California Receiver Issues Status Report on Prison Medical System

SACRAMENTO, Calif. — The federal receiver tasked with overseeing California’s problem-plagued prison medical system issued his sixth report on the status of changes to the system since he took office last year.


The report claims that Receiver Robert Sillen has had success in many areas including changes to hiring practices and the employment of 400 new medical staff, creation of a multidisciplinary unit to manage healthcare reform at community correctional facilities, and the licensure and operation of dialysis clinics.


The receiver also increased staffing for telemedicine services and converted the general acute care hospital at the California Institute for Men at Chino into an unlicensed infirmary.


The 80-bed hospital was converted to an infirmary for inmates with long-term and subacute needs because it did not meet several licensing requirements for hospitals, according to the receiver’s report.


“We have made significant progress in many areas, and yet, the surface has hardly been scratched,” Sillen says. “There are deep-rooted reasons why the system is as broken as it is. We have identified these over the last year and have begun working to untangle them.

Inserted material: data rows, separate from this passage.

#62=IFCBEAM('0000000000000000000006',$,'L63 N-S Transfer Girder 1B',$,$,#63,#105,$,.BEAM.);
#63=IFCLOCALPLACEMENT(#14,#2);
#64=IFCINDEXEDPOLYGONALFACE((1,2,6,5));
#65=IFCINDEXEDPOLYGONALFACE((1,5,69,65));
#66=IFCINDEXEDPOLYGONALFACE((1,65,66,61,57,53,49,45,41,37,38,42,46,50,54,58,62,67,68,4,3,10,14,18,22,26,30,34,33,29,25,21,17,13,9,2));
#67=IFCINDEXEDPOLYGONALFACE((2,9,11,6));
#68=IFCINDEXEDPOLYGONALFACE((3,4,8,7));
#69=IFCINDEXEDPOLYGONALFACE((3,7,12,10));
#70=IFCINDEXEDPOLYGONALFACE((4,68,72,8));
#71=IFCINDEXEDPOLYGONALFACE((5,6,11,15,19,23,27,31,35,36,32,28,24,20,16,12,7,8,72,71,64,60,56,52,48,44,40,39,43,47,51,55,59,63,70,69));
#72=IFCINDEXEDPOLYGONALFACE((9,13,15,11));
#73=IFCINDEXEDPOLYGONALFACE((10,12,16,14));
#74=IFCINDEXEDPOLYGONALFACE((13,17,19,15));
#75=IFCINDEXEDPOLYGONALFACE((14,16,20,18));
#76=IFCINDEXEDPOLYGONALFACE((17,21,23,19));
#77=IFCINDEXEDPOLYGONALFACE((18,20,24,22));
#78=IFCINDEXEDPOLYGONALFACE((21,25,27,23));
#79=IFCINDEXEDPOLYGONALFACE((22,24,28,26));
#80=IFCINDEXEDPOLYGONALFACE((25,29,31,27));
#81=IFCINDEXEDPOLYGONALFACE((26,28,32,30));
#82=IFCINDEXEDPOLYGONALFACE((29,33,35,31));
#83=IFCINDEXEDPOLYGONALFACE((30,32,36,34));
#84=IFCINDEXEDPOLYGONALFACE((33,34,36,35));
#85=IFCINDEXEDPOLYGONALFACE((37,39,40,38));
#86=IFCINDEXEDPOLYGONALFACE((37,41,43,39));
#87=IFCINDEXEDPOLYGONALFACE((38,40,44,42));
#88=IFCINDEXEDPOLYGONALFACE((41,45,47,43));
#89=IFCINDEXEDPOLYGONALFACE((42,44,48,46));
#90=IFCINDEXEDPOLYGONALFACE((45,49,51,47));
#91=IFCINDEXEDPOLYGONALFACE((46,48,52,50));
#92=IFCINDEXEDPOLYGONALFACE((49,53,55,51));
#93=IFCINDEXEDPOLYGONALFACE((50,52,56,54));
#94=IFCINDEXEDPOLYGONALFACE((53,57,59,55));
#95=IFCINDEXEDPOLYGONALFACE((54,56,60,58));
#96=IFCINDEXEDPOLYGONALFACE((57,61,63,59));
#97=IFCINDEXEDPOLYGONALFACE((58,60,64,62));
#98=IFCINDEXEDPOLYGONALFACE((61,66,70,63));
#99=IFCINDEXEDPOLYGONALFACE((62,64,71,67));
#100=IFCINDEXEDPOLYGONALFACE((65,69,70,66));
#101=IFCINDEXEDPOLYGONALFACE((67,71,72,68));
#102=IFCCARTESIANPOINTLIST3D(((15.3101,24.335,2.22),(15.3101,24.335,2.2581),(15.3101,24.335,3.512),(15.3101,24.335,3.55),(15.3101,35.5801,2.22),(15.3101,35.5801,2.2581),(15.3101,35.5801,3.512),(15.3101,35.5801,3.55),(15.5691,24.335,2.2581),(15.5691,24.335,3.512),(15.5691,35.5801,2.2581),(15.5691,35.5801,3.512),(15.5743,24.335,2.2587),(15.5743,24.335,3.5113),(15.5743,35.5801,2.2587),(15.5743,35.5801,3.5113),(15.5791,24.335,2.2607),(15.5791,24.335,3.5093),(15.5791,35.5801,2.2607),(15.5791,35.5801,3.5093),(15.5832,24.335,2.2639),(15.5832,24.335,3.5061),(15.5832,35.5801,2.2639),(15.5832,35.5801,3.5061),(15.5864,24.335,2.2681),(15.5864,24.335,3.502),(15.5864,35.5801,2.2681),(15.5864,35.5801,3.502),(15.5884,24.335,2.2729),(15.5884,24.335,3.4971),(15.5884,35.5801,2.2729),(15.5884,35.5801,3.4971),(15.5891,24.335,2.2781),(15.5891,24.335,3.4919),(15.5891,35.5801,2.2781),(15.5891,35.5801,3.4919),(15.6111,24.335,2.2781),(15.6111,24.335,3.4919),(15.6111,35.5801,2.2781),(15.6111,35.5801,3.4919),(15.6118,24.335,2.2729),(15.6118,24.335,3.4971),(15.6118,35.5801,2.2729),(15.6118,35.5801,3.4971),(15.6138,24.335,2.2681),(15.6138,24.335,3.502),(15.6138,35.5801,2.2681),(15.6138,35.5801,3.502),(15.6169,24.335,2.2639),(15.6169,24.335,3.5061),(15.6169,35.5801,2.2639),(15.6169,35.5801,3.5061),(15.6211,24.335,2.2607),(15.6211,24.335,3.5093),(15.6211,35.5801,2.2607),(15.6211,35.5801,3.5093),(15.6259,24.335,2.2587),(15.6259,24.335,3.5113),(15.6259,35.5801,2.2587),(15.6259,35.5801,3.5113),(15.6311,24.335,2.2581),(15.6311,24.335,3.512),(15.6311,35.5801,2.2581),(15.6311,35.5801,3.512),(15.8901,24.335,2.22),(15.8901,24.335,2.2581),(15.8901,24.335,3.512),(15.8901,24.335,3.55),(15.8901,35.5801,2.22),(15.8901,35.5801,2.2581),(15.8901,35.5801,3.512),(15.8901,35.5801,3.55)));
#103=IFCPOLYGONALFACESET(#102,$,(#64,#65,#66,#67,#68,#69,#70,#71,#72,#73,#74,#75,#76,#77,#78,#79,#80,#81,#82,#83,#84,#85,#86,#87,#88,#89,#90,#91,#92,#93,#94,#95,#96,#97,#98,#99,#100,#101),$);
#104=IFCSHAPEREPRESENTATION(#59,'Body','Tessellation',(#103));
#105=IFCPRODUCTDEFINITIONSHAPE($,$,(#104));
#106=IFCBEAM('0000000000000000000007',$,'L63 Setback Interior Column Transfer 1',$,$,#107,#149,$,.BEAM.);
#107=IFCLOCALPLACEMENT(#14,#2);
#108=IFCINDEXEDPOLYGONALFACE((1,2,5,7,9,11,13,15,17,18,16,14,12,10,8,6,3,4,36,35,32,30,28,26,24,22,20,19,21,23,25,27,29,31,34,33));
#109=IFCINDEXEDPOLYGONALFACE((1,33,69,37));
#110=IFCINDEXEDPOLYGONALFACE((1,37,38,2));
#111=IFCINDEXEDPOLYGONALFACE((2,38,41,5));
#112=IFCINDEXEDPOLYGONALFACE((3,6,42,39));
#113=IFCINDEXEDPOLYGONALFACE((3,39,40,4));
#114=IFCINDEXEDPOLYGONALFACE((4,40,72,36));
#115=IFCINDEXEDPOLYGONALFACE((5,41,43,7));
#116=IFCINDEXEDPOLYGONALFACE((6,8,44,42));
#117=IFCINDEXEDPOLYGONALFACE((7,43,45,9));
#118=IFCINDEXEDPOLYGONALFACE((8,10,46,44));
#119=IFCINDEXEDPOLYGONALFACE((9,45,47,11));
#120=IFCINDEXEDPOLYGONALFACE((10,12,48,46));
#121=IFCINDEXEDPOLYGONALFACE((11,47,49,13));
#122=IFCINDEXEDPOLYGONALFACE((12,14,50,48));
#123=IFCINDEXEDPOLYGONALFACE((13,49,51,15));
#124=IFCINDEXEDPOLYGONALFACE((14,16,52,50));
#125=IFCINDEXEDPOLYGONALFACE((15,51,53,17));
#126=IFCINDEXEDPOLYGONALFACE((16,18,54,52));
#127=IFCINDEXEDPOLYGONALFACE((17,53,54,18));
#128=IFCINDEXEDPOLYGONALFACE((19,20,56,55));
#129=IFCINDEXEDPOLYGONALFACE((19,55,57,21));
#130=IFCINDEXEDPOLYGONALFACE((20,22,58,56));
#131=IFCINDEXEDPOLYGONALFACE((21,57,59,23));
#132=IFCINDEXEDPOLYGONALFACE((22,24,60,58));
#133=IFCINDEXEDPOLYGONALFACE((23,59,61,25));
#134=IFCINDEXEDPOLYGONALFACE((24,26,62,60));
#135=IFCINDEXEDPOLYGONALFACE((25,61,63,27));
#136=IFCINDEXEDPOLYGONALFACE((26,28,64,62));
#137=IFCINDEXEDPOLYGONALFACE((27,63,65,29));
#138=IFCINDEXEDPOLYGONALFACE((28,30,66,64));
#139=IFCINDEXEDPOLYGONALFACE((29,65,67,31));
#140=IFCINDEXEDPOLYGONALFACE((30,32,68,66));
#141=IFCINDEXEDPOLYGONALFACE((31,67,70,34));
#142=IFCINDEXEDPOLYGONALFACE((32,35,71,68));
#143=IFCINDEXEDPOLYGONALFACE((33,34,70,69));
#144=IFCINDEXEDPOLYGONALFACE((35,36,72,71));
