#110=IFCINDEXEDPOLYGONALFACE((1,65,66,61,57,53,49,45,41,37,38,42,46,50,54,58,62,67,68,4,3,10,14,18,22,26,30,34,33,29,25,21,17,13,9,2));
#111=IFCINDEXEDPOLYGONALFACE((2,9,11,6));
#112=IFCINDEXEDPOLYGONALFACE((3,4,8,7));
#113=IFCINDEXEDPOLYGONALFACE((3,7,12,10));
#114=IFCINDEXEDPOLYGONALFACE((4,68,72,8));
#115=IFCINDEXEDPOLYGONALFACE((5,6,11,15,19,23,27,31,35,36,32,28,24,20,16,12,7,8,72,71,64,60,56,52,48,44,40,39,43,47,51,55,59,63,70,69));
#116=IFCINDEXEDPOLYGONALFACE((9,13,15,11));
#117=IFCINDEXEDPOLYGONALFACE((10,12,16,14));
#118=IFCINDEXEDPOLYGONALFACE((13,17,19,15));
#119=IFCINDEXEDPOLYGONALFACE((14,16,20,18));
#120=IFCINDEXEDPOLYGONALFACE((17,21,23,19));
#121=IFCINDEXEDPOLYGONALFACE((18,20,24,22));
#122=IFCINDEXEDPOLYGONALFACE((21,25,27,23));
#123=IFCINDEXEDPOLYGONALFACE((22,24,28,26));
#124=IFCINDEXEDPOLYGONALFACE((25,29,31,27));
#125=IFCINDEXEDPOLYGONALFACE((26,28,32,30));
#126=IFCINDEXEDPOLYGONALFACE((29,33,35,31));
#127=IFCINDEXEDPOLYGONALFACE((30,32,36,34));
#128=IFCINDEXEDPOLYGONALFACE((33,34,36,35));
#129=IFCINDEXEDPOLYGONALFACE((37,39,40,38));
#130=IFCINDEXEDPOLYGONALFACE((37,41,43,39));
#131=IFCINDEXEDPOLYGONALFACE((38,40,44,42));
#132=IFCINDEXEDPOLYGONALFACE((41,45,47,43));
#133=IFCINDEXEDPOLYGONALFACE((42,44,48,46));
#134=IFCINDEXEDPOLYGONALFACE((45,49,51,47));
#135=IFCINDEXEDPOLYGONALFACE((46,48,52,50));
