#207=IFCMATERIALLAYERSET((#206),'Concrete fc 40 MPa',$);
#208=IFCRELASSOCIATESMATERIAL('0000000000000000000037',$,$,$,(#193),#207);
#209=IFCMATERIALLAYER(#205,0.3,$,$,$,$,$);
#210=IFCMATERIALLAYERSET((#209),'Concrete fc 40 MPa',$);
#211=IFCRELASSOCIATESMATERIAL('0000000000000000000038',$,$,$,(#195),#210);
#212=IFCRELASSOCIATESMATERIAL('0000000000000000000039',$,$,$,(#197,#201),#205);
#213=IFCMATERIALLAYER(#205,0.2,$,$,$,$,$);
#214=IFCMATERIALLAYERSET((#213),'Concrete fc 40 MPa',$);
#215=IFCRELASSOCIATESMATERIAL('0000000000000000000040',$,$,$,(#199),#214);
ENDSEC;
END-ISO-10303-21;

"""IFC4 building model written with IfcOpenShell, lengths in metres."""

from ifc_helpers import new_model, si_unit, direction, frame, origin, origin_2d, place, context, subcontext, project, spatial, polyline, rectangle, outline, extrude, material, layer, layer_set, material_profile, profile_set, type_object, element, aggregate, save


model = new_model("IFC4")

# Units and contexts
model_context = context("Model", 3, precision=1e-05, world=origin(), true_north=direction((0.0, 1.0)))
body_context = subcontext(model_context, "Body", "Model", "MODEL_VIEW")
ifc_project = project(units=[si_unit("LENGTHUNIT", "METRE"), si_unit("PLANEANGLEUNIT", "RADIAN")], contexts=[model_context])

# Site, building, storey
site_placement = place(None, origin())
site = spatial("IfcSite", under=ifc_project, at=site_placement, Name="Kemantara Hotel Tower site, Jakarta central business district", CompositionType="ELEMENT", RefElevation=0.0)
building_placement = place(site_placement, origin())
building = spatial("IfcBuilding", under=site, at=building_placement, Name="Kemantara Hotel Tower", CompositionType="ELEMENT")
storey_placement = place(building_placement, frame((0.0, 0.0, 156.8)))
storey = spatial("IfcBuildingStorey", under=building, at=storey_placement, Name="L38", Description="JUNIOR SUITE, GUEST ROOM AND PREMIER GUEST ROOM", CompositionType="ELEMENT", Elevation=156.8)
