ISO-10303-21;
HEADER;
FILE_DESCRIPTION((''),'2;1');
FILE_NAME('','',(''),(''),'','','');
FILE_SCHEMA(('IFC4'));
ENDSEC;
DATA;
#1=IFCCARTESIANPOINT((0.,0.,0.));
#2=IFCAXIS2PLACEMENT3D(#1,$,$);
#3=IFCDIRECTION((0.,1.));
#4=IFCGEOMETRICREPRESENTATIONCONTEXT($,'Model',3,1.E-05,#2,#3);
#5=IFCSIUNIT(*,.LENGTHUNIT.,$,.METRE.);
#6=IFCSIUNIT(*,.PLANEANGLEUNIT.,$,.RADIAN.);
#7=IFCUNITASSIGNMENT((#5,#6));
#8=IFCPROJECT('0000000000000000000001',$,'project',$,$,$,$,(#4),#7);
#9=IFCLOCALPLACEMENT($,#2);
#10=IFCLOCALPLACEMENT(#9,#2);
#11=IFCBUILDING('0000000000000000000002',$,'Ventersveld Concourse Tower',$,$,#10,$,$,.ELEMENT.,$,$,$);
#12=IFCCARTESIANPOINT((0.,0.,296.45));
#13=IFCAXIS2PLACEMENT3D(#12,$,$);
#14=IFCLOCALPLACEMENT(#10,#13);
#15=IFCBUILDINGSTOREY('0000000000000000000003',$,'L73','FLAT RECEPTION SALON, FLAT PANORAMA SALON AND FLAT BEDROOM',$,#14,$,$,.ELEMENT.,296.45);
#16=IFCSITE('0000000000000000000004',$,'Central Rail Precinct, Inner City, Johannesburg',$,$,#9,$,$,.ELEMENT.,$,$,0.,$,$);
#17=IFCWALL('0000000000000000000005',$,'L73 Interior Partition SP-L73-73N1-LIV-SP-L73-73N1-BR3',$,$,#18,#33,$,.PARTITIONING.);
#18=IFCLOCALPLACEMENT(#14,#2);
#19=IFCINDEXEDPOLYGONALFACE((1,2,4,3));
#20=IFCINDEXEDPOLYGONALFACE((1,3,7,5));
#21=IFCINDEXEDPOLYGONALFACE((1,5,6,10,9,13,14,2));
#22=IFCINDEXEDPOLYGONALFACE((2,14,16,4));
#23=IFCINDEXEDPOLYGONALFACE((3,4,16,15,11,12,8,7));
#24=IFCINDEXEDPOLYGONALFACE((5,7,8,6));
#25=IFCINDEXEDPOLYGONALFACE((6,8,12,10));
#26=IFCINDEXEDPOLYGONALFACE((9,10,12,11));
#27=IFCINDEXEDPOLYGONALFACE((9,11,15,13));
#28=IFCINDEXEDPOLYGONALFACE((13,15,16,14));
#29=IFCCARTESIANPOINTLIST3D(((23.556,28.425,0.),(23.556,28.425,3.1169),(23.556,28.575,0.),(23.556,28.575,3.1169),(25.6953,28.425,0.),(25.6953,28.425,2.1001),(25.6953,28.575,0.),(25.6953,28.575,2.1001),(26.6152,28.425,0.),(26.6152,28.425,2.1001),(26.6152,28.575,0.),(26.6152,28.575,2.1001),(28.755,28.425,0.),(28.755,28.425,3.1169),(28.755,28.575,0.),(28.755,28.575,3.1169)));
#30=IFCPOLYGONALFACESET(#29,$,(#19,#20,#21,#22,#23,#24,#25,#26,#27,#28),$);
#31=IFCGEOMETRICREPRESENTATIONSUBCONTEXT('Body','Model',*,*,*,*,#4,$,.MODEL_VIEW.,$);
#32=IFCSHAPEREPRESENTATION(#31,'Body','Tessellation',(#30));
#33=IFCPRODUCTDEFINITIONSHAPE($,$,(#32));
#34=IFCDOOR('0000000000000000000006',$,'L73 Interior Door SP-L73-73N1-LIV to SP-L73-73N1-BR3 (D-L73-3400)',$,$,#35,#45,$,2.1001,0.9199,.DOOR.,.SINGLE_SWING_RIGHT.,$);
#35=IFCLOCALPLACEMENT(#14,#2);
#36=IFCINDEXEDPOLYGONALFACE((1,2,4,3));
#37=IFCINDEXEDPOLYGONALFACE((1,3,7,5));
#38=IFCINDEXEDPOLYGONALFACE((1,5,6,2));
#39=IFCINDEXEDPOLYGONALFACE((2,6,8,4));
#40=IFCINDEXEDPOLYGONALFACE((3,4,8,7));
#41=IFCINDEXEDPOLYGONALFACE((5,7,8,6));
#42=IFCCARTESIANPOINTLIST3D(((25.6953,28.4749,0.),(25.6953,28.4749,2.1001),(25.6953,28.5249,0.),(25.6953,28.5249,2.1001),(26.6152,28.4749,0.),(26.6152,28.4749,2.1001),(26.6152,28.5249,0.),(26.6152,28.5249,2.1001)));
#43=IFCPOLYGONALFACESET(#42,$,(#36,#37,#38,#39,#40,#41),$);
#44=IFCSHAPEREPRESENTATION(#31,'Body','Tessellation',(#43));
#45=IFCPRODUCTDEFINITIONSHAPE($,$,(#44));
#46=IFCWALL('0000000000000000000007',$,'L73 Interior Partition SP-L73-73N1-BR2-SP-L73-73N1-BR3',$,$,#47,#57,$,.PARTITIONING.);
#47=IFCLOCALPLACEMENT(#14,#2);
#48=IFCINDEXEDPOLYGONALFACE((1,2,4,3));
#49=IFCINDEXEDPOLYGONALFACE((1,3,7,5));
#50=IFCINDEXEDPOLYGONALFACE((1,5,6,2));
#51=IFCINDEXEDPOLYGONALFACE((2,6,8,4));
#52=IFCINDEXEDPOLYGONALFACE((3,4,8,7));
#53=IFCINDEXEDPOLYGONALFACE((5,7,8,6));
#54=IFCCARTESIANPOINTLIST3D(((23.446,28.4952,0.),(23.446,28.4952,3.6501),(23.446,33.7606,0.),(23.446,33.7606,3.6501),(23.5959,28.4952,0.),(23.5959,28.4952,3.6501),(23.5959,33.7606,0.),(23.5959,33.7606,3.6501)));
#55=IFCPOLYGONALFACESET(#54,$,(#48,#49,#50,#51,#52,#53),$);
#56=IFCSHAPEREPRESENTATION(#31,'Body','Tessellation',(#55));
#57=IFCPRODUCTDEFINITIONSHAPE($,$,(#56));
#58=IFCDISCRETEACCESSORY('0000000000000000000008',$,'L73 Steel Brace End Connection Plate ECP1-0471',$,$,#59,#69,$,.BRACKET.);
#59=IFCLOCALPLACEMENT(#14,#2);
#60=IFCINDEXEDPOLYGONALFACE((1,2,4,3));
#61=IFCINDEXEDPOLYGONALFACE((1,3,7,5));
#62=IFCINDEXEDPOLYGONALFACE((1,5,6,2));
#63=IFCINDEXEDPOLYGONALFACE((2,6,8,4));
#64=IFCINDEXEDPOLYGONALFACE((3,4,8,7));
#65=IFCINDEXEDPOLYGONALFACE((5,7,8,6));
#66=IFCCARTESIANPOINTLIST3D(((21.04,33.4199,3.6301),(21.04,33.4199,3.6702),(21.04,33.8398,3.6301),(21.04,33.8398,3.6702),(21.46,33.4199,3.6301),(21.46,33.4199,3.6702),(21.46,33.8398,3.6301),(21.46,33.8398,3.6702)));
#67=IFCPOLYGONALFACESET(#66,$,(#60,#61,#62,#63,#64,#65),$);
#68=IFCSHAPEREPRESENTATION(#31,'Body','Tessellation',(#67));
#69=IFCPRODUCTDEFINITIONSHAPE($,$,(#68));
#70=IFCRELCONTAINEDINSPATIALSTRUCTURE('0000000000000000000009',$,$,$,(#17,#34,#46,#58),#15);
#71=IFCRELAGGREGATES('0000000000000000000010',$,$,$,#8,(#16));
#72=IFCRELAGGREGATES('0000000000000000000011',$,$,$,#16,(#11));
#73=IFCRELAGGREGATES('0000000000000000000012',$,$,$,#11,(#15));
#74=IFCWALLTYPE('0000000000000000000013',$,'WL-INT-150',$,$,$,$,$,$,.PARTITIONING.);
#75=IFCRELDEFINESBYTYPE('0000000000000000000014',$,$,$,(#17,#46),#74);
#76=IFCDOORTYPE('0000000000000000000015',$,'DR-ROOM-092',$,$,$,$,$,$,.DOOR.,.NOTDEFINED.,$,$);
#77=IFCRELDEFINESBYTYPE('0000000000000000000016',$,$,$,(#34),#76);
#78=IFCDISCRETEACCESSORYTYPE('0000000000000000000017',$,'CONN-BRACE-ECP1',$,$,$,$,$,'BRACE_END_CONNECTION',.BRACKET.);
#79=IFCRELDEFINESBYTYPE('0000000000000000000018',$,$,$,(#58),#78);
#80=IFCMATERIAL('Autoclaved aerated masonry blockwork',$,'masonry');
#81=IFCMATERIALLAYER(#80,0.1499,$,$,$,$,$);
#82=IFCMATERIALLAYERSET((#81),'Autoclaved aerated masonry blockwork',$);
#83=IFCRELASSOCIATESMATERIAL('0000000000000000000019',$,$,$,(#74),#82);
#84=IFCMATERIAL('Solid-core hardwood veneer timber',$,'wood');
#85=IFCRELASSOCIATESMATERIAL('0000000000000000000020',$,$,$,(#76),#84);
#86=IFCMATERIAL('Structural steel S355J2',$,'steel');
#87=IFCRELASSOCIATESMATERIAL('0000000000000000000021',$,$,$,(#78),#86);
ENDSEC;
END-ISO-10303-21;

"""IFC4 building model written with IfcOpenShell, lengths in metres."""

from ifc_helpers import new_model, si_unit, direction, frame, frame_2d, origin, origin_2d, place, context, subcontext, project, spatial, rectangle, extrude, material, layer, layer_set, type_object, element, fill, save


model = new_model("IFC4")

# Units and contexts
model_context = context("Model", 3, precision=1e-05, world=origin(), true_north=direction((0.0, 1.0)))
body_context = subcontext(model_context, "Body", "Model", "MODEL_VIEW")
ifc_project = project(units=[si_unit("LENGTHUNIT", "METRE"), si_unit("PLANEANGLEUNIT", "RADIAN")], contexts=[model_context])

# Site, building, storey
site_placement = place(None, origin())
site = spatial("IfcSite", under=ifc_project, at=site_placement, Name="Central Rail Precinct, Inner City, Johannesburg", CompositionType="ELEMENT", RefElevation=0.0)
building_placement = place(site_placement, origin())
building = spatial("IfcBuilding", under=site, at=building_placement, Name="Ventersveld Concourse Tower", CompositionType="ELEMENT")
storey_placement = place(building_placement, frame((0.0, 0.0, 296.45)))
storey = spatial("IfcBuildingStorey", under=building, at=storey_placement, Name="L73", Description="FLAT RECEPTION SALON, FLAT PANORAMA SALON AND FLAT BEDROOM", CompositionType="ELEMENT", Elevation=296.45)

# Shared definitions
ifc_material_1 = material(Name="Structural steel S355J2", Category="steel")

# Wall, opening, door
ifc_material_2 = material(Name="Autoclaved aerated masonry blockwork", Category="masonry")
ifc_layer = layer(ifc_material_2, 0.1499)
ifc_layer_set = layer_set([ifc_layer], Name="Autoclaved aerated masonry blockwork")
wall_type = type_object("IfcWallType", Name="WL-INT-150", PredefinedType="PARTITIONING", material=ifc_layer_set)
ifc_material_3 = material(Name="Solid-core hardwood veneer timber", Category="wood")
door_type = type_object("IfcDoorType", Name="DR-ROOM-092", OperationType="NOTDEFINED", PredefinedType="DOOR", material=ifc_material_3)
wall_1_placement = place(storey_placement, frame((23.5559, 28.5, 0.0), z_axis=(0.0, 0.0, 1.0), x_axis=(1.0, 0.0, 0.0)))
wall_1 = element("IfcWall", 1, at=wall_1_placement, inside=storey, type_object=wall_type, Name="L73 Interior Partition SP-L73-73N1-LIV-SP-L73-73N1-BR3", PredefinedType="PARTITIONING", context=body_context, shape_type="SweptSolid", body=[
    extrude(rectangle(XDim=5.199, YDim=0.1499, at=frame_2d((2.5996, 0.0))), origin(), (0.0, 0.0, 1.0), 3.1169),
])
opening_1_placement = place(wall_1_placement, frame((2.1394, 0.0, 0.0)))
opening_1 = element("IfcOpeningElement", 2, at=opening_1_placement, cuts=wall_1, PredefinedType="OPENING", context=body_context, shape_type="SweptSolid", body=[
    extrude(rectangle(XDim=0.9199, YDim=2.1001, at=frame_2d((0.46, 1.05))), frame((0.0, 0.085, 0.0), z_axis=(0.0, -1.0, 0.0), x_axis=(1.0, 0.0, 0.0)), (0.0, 0.0, 1.0), 0.1699),
])
door_1_placement = place(opening_1_placement, origin())
door_1 = element("IfcDoor", 3, at=door_1_placement, inside=storey, type_object=door_type, Name="L73 Interior Door SP-L73-73N1-LIV to SP-L73-73N1-BR3 (D-L73-3400)", OperationType="SINGLE_SWING_RIGHT", OverallHeight=2.1001, OverallWidth=0.9199, PredefinedType="DOOR", context=body_context, shape_type="SweptSolid", body=[
    extrude(rectangle(XDim=0.9199, YDim=2.1001, at=frame_2d((0.46, 1.05))), frame((0.0, 0.0249, 0.0), z_axis=(0.0, -1.0, 0.0), x_axis=(1.0, 0.0, 0.0)), (0.0, 0.0, 1.0), 0.05),
])
fill(opening_1, door_1)

# Wall
wall_2_placement = place(storey_placement, frame((23.521, 28.4951, 0.0), z_axis=(0.0, 0.0, 1.0), x_axis=(0.0, 1.0, 0.0)))
element("IfcWall", 4, at=wall_2_placement, inside=storey, type_object=wall_type, Name="L73 Interior Partition SP-L73-73N1-BR2-SP-L73-73N1-BR3", PredefinedType="PARTITIONING", context=body_context, shape_type="SweptSolid", body=[
    extrude(rectangle(XDim=5.2654, YDim=0.1499, at=frame_2d((2.6328, 0.0))), origin(), (0.0, 0.0, 1.0), 3.6501),
])

# Discrete accessory
discrete_accessory_type = type_object("IfcDiscreteAccessoryType", Name="CONN-BRACE-ECP1", ElementType="BRACE_END_CONNECTION", PredefinedType="BRACKET", material=ifc_material_1)
discrete_accessory_placement = place(storey_placement, frame((21.25, 33.6299, 3.6301), z_axis=(0.0, 0.0, 1.0), x_axis=(1.0, 0.0, 0.0)))
element("IfcDiscreteAccessory", 5, at=discrete_accessory_placement, inside=storey, type_object=discrete_accessory_type, Name="L73 Steel Brace End Connection Plate ECP1-0471", PredefinedType="BRACKET", context=body_context, shape_type="SweptSolid", body=[
    extrude(rectangle(XDim=0.4199, YDim=0.4199, at=origin_2d()), origin(), (0.0, 0.0, 1.0), 0.04),
])

save(model, "model.ifc")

The bottom line is that there are no clinical or business systems in place that support good care.”


The report also provided an update on the status of 10,000 new medical beds that are planned for the state. Abt Associates and Lumetra completed the final report on the California prisoner patient population, which provides the basis to build the new beds.


The status report follows another report from the receiver that analyzed inmate deaths in 2006 and found 66 deaths (15 percent) were preventable or possibly preventable.


“This is all about unnecessary human suffering,” says Sillen, who was featured at the Q&A subject in the July/August 2007 issue of Correctional News. “It’s not just about data; it’s an emergency.”


The receivership was created after a 2001 class action lawsuit that found medical care in state prisons in violation of the Constitution. U.S. District Court Judge Thelton Henderson appointed Sillen to the post in April 2006.


Sillen’s priorities for medical system improvements during the next three years include:



  • Building up to 5,000 medical and 5,000 mental health beds statewide.
  • Constructing necessary clinical and support space in existing prisons. This project begins with addition of space at Avenal State Prison.
  • Piloting a nursing orientation and preceptor program for new hires.
  • Launching an asthma initiative to provide clinical protocols, case management and training to improve the care given to inmates with asthma. Asthma was the prison system’s leading cause of preventable death in 2006.
  • Implementing the Health Care Access Unit program at San Quentin, followed by additional prisons. This program assigns correctional officers to medical escort and transport duties, improving access to care.
  • Beginning to transform information technology in California ‘s prison medical system by establishing a statewide wireless network that connects all prisons to each other, and provides for within-prison connectivity as well.
  • Continuing the pharmacy system turnaround by Maxor National Pharmacy Services Corp. Pilots in two prisons are under way.
  • Continuing the Receiver’s San Quentin Project.
  • Continuing to participate in coordinating the remedial activities taking place in federal medical, mental health, dental and disabled inmates’ cases.